On Wed, Jul 14, 2010 at 06:41:48PM -0700, Zach Pfeffer wrote:
> On Thu, Jul 15, 2010 at 08:07:28AM +0900, FUJITA Tomonori wrote:
> > Why we we need a new abstraction layer to solve the problem that the
> > current API can handle?
> 
> The current API can't really handle it because the DMA API doesn't
> separate buffer allocation from buffer mapping.

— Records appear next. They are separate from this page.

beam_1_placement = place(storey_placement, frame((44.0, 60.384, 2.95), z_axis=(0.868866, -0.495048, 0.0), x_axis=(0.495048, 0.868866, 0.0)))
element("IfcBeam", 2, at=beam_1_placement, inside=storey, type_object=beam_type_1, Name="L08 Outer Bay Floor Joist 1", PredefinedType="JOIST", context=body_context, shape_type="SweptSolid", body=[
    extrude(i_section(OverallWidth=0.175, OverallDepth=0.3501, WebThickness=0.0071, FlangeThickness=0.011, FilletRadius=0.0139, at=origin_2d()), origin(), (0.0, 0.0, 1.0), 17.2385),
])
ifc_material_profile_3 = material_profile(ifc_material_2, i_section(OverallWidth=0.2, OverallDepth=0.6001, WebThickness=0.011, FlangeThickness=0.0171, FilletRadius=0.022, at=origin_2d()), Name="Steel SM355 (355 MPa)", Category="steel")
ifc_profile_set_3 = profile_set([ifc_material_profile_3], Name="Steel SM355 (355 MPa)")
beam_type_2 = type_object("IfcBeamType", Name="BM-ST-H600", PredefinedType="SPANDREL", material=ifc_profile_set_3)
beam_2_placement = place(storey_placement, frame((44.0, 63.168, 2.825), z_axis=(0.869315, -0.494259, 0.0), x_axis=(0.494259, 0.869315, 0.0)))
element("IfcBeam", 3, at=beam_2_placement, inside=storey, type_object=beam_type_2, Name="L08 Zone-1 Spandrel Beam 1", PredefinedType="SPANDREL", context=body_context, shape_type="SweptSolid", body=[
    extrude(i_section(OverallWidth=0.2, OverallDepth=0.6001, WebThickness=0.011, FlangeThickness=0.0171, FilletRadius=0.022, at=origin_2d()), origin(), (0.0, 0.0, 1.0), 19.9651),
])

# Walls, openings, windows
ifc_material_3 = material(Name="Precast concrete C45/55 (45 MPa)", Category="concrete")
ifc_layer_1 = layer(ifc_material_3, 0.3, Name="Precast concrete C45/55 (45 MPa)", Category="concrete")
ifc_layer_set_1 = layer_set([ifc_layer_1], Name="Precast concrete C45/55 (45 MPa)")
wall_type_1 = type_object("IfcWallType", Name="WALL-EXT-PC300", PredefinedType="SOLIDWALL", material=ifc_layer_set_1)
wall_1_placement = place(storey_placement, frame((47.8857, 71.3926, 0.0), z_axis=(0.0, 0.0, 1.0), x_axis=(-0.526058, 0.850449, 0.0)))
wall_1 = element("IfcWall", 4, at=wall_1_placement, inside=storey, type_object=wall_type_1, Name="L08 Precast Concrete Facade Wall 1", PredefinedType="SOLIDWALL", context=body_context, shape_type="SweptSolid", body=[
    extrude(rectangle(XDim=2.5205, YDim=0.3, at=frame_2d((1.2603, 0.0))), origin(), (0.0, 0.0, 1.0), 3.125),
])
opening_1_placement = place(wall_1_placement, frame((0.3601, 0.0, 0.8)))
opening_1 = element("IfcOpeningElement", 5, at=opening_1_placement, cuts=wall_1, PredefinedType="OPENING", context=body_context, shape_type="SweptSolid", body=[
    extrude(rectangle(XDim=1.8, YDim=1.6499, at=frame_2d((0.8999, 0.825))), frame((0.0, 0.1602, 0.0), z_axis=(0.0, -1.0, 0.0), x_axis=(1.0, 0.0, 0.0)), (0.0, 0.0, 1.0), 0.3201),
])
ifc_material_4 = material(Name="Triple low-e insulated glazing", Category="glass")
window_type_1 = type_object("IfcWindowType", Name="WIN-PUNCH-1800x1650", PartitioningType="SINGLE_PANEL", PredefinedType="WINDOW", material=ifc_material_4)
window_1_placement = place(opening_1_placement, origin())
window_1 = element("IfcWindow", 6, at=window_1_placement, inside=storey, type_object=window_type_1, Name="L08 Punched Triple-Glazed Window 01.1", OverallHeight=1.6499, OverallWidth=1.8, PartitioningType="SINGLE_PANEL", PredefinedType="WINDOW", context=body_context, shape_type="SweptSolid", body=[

That's not entirely correct.  The DMA API provides two things:

1. An API for allocating DMA coherent buffers
2. An API for mapping streaming buffers

Some implementations of (2) end up using (1) to work around broken
hardware - but that's a separate problem (and causes its own set of
problems.)

> For instance: I need 10, 1 MB physical buffers and a 64 KB physical
> buffer. With the DMA API I need to allocate 10*1MB/PAGE_SIZE + 64
> KB/PAGE_SIZE scatterlist elements, fix them all up to follow the
> chaining specification and then go through all of them again to fix up
> their virtual mappings for the mapper that's mapping the physical
> buffer.

You're making it sound like extremely hard work.

        struct scatterlist *sg;
        int i, nents = 11;

        sg = kmalloc(sizeof(*sg) * nents, GFP_KERNEL);
        if (!sg)
                return -ENOMEM;

        sg_init_table(sg, nents);
        for (i = 0; i < nents; i++) {
                if (i != nents - 1)
                        len = 1048576;
                else
                        len = 64*1024;
                buf = alloc_buffer(len);
                sg_set_buf(&sg[i], buf, len);
        }

There's no need to split the scatterlist elements up into individual
pages - the block layer doesn't do that when it passes scatterlists
down to block device drivers.

I'm not saying that it's reasonable to pass (or even allocate) a 1MB
buffer via the DMA API.

> If I want to share the buffer with another device I have to
> make a copy of the entire thing then fix up the virtual mappings for
> the other device I'm sharing with.

This is something the DMA API doesn't do - probably because there hasn't
been a requirement for it.

One of the issues for drivers is that by separating the mapped scatterlist
from the input buffer scatterlist, it creates something else for them to
allocate, which causes an additional failure point - and as all users sit
well with the current API, there's little reason to change especially
given the number of drivers which would need to be updated.

What you can do is:

struct map {
        dma_addr_t addr;
        size_t len;
};

int map_sg(struct device *dev, struct scatterlist *list,
        unsigned int nents, struct map *map, enum dma_data_direction dir)
{
        struct scatterlist *sg;
        unsigned int i, j = 0;

        for_each_sg(list, sg, nents, i) {
                map[j]->addr = dma_map_page(dev, sg_page(sg), sg->offset,
                                        sg->length, dir);
                map[j]->len = length;
                if (dma_mapping_error(map[j]->addr))
                        break;
                j++;
        }

        return j;
}

void unmap(struct device *dev, struct map *map, unsigned int nents,
        enum dma_data_direction dir)
{
        while (nents) {
                dma_unmap_page(dev, map->addr, map->len, dir);
                map++;
                nents--;
        }
}

Note: this may not be portable to all architectures.  It may also break
if there's something like the dmabounce or swiotlb code remapping buffers
which don't fit the DMA mask for the device - that's a different problem.

You can then map the same scatterlist into multiple different 'map'
arrays for several devices simultaneously.  What you can't do is access
the buffers from the CPU while they're mapped to any device.

I'm not saying that you should do the above - I'm just proving that it's
not as hard as you seem to be making out.